Marcus_Aurelius said:


> your rear sidewalls are f***ed as well, the stretch on them basically makes air the only thing giving you side load rigidity.


 Them's fighting words around here, performance be damned!


----------



## Neb (Jan 25, 2005)

Marcus_Aurelius said:


> running that much static camber is ludicrous. Based on the geometry on our cars your front wheels should be looking like your rears and the rears like the fronts. You are only using a fraction of the grip available to you and I don't want to sound like I'm preaching but your rear sidewalls are f***ed as well, the stretch on them basically makes air the only thing giving you side load rigidity.


 Meh, I've been running that much camber for as long as I've owned the car. Never any problems, no weird cupping or wearing issues or handling issues. It's a TT, not a racecar and I don't drive like an ******* on the streets or track it so you really don't notice the difference.


----------



## Marcus_Aurelius (Mar 1, 2012)

Neb said:


> Meh, I've been running that much camber for as long as I've owned the car. Never any problems, no weird cupping or wearing issues or handling issues. It's a TT, not a racecar and I don't drive like an ******* on the streets or track it so you really don't notice the difference.


 I understand all that and there is a probably a big portion of the community that, just like you, would not notice a difference if you bolted 4 donut spares on their cars as long as it fulfilled the aesthetic standards of the moment. 

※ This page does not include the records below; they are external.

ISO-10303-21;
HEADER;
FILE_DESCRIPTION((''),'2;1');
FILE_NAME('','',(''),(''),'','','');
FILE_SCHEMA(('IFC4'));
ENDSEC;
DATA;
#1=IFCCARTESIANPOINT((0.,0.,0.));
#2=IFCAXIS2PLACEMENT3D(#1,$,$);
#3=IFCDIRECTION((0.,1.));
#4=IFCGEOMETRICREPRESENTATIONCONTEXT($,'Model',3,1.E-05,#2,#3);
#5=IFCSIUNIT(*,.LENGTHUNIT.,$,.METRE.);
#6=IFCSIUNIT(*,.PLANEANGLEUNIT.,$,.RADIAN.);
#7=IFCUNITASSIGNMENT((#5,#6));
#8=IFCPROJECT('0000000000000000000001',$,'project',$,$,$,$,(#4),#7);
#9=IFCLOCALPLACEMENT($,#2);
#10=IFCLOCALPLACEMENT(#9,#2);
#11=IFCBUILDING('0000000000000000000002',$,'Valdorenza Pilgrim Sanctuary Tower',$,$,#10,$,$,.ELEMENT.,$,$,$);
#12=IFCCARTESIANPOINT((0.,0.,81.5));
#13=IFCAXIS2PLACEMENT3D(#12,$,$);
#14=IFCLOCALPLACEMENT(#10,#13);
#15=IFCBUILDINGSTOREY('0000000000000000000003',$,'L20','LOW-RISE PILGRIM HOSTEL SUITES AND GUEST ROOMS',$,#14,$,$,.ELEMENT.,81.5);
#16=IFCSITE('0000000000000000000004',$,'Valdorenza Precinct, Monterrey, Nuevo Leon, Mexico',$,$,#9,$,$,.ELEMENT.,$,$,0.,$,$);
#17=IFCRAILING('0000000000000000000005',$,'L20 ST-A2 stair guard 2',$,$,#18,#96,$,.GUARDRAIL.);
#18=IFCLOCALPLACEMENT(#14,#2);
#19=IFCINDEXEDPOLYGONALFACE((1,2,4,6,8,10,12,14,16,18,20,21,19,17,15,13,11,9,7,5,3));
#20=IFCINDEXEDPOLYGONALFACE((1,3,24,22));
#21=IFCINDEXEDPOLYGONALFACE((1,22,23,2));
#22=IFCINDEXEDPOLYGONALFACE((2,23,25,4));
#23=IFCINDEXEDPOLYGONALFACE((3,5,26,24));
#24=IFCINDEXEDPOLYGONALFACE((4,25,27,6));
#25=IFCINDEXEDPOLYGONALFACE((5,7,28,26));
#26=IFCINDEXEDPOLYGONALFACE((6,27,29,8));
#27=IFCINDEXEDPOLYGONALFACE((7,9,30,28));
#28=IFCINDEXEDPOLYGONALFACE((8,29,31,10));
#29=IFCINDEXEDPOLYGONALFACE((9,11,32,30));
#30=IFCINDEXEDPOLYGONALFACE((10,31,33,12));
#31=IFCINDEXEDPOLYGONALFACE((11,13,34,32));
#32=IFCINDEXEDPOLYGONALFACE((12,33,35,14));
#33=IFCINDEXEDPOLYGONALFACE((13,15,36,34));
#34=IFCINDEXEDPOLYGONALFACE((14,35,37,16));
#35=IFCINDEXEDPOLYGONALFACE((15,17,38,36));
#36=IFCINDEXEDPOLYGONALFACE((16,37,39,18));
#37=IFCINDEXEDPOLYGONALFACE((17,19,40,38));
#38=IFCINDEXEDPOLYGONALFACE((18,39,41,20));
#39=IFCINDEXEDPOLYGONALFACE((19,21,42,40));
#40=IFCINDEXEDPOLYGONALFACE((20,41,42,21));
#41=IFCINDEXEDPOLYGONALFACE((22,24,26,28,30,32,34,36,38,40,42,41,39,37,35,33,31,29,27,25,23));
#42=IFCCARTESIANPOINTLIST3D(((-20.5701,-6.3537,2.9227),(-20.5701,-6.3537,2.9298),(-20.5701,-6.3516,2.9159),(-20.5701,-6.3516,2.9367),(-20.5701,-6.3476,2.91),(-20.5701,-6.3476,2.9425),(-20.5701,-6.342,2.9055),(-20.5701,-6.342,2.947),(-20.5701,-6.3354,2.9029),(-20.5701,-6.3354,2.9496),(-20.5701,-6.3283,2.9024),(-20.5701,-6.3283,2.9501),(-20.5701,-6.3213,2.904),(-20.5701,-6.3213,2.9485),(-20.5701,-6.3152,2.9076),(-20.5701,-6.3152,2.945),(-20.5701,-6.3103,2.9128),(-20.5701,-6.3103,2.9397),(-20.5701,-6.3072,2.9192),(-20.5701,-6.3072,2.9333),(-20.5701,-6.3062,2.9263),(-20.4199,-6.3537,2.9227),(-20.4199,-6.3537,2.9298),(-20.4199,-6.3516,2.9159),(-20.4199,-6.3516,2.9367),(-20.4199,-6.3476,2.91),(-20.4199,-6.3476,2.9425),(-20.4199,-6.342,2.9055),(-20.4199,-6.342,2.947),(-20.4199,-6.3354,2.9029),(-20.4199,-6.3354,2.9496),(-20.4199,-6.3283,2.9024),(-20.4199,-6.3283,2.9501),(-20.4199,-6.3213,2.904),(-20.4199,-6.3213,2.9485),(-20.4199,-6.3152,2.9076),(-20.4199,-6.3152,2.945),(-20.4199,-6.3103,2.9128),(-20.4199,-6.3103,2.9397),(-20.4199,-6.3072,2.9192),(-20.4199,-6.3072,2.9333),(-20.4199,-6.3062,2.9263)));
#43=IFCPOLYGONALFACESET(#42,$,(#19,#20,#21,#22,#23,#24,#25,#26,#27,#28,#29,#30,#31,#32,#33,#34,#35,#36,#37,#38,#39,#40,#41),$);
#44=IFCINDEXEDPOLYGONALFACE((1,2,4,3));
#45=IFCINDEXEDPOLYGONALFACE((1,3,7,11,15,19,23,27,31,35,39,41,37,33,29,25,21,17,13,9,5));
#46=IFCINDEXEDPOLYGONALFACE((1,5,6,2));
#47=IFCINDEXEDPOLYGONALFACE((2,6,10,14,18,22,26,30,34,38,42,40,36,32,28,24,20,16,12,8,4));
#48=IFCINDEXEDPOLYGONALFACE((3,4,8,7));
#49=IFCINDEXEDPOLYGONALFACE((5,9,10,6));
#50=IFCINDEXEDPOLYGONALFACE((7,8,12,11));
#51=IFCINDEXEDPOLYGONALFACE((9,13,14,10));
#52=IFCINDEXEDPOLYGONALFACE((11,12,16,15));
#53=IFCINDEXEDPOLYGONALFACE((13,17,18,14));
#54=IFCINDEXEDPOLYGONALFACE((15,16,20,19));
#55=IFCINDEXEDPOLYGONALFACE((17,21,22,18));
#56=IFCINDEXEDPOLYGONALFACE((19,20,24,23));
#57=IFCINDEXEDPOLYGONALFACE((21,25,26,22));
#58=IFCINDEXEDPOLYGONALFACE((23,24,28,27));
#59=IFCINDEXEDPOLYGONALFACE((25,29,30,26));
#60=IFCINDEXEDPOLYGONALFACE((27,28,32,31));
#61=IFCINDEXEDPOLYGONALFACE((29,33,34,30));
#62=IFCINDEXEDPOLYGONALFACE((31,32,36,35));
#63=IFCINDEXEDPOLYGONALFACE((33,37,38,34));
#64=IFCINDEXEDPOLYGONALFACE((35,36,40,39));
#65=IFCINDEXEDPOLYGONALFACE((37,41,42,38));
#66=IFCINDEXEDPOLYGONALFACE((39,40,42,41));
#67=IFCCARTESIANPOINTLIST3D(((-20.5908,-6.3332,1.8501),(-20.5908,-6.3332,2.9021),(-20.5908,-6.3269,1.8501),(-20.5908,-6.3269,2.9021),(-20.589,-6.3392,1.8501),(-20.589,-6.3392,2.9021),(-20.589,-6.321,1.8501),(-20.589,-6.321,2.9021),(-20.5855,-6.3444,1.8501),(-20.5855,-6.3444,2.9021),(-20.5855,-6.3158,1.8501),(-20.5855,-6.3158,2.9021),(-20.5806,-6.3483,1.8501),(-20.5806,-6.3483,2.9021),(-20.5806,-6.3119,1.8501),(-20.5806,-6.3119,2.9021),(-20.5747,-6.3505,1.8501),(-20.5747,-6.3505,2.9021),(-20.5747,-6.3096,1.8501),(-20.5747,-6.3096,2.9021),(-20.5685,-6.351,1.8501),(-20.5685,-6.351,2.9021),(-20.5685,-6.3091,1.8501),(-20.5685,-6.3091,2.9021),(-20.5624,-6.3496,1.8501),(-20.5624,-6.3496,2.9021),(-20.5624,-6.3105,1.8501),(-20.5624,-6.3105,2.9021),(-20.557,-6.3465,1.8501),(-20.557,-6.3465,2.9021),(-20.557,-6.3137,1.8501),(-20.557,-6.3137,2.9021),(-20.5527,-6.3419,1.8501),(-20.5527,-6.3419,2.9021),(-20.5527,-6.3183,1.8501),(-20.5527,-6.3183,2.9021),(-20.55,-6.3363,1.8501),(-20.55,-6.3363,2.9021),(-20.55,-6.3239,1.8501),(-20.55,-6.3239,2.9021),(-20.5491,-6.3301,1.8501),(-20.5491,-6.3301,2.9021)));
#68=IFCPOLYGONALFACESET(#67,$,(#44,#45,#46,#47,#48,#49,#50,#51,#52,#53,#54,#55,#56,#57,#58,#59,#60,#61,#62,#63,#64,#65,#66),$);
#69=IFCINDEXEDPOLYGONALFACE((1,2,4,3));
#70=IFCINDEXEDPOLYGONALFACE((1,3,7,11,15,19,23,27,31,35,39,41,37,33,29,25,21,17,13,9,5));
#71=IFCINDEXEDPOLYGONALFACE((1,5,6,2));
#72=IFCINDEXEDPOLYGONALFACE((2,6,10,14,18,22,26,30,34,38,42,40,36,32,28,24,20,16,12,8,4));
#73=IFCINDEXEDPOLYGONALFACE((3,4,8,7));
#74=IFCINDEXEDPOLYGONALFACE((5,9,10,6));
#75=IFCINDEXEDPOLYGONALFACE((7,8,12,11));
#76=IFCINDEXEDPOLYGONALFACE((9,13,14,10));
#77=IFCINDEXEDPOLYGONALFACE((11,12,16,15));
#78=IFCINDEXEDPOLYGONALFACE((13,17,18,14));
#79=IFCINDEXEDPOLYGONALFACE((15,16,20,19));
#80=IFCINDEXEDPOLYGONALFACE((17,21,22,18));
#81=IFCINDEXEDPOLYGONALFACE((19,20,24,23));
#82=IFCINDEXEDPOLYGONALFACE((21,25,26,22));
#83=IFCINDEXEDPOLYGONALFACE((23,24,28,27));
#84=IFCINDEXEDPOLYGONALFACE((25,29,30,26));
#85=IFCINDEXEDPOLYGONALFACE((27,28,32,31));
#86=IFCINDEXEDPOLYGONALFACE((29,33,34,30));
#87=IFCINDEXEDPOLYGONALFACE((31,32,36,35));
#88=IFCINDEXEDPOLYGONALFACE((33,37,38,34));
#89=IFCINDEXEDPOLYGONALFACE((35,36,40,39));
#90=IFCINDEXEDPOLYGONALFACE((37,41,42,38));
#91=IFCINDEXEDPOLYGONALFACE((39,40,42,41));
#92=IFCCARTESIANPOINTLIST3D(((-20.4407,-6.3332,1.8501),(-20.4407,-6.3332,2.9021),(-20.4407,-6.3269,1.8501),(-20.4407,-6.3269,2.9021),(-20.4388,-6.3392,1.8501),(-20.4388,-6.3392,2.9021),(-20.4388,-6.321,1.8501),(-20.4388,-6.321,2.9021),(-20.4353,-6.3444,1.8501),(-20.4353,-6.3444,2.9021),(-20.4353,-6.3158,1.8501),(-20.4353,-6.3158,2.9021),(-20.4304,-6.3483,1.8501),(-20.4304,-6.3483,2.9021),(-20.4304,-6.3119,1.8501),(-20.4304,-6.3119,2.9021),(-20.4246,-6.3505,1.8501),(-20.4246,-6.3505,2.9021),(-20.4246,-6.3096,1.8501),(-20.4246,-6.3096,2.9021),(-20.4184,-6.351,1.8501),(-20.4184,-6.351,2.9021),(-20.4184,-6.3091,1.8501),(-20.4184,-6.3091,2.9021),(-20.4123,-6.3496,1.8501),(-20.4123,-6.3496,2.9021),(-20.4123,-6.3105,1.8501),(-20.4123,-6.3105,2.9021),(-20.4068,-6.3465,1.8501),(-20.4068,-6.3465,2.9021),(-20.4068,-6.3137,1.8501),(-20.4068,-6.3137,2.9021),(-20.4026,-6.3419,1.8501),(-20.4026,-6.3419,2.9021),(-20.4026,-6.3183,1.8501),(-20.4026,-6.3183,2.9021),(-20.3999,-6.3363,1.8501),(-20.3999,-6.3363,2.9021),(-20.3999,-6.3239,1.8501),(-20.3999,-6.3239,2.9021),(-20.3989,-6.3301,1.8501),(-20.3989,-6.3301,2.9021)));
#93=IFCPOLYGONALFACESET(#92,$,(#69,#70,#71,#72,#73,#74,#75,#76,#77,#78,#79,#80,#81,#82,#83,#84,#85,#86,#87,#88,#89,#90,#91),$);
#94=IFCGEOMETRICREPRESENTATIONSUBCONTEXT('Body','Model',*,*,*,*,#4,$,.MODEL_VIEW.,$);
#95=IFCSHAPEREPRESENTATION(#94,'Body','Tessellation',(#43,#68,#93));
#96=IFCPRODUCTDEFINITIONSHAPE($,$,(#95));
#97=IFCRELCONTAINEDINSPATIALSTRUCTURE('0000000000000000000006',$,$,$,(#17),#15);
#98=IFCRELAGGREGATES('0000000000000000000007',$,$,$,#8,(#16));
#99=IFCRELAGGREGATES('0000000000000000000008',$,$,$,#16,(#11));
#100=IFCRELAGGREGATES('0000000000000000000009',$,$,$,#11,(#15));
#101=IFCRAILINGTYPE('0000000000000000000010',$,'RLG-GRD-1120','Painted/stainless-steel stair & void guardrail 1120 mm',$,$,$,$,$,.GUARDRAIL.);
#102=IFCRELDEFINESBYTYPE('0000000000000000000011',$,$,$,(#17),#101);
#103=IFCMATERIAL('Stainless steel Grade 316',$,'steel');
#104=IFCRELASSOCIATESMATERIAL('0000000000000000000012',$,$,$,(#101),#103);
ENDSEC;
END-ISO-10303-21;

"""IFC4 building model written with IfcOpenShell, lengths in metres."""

from ifc_helpers import new_model, si_unit, direction, frame, origin, origin_2d, place, context, subcontext, project, spatial, circle, extrude, material, type_object, element, save


model = new_model("IFC4")

# Units and contexts
model_context = context("Model", 3, precision=1e-05, world=origin(), true_north=direction((0.0, 1.0)))
body_context = subcontext(model_context, "Body", "Model", "MODEL_VIEW")
ifc_project = project(units=[si_unit("LENGTHUNIT", "METRE"), si_unit("PLANEANGLEUNIT", "RADIAN")], contexts=[model_context])

# Site, building, storey
site_placement = place(None, origin())
site = spatial("IfcSite", under=ifc_project, at=site_placement, Name="Valdorenza Precinct, Monterrey, Nuevo Leon, Mexico", CompositionType="ELEMENT", RefElevation=0.0)
building_placement = place(site_placement, origin())
building = spatial("IfcBuilding", under=site, at=building_placement, Name="Valdorenza Pilgrim Sanctuary Tower", CompositionType="ELEMENT")
storey_placement = place(building_placement, frame((0.0, 0.0, 81.5)))
storey = spatial("IfcBuildingStorey", under=building, at=storey_placement, Name="L20", Description="LOW-RISE PILGRIM HOSTEL SUITES AND GUEST ROOMS", CompositionType="ELEMENT", Elevation=81.5)

# Railing
ifc_material_1 = material(Name="Stainless steel Grade 316", Category="steel")
railing_type_1 = type_object("IfcRailingType", Name="RLG-GRD-1120", Description="Painted/stainless-steel stair & void guardrail 1120 mm", PredefinedType="GUARDRAIL", material=ifc_material_1)
railing_1_placement = place(storey_placement, frame((-20.5701, -6.3301, 1.8501)))
element("IfcRailing", 1, at=railing_1_placement, inside=storey, type_object=railing_type_1, Name="L20 ST-A2 stair guard 2", PredefinedType="GUARDRAIL", context=body_context, shape_type="SweptSolid", body=[
    extrude(circle(Radius=0.0239, at=origin_2d()), frame((0.0, 0.0, 1.0762), z_axis=(1.0, 0.0, 0.0), x_axis=(0.0, 1.0, 0.0)), (0.0, 0.0, 1.0), 0.1501),
    extrude(circle(Radius=0.021, at=origin_2d()), origin(), (0.0, 0.0, 1.0), 1.052),
    extrude(circle(Radius=0.021, at=origin_2d()), frame((0.1501, 0.0, 0.0)), (0.0, 0.0, 1.0), 1.052),
])

save(model, "model.ifc")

I know it's a TT and not racecar, even with my own car, where the emphasis is put on function and performance (I'll admit it looks like sh** compared to yours)... but IMO using your case to make a general statement of what happens is misleading. Everyone else (besides you) that daily drives (not race like me) with 3 degrees of static camber in the back will experience accelerated tire wear and poor handling. That is a more appropriate generalization of what happens but again acceptable handling seem to subjective around here.


----------



## 20v master (May 7, 2009)

Neb said:


> Meh, I've been running that much camber for as long as I've owned the car. Never any problems, no weird cupping or wearing issues


 And don't you change wheels and tires like every few weeks too?


----------



## mikegtimx (Apr 5, 2011)

i do have rear little camber, it look fine for me but thats my daily drive, so my rear tires are crying, i´ve been told in the aligment shops that the rear wheels can not get align the same way as the front wheels, IS THAT TRUE??????? wtf wich options do i have ??


----------



## Krissrock (Sep 10, 2005)

... is there anyone else out there that has experienced cupping in the rear?


----------



## Krissrock (Sep 10, 2005)

mikegtimx said:


> i do have rear little camber, it look fine for me but thats my daily drive, so my rear tires are crying, i´ve been told in the aligment shops that the rear wheels can not get align the same way as the front wheels, IS THAT TRUE??????? wtf wich options do i have ??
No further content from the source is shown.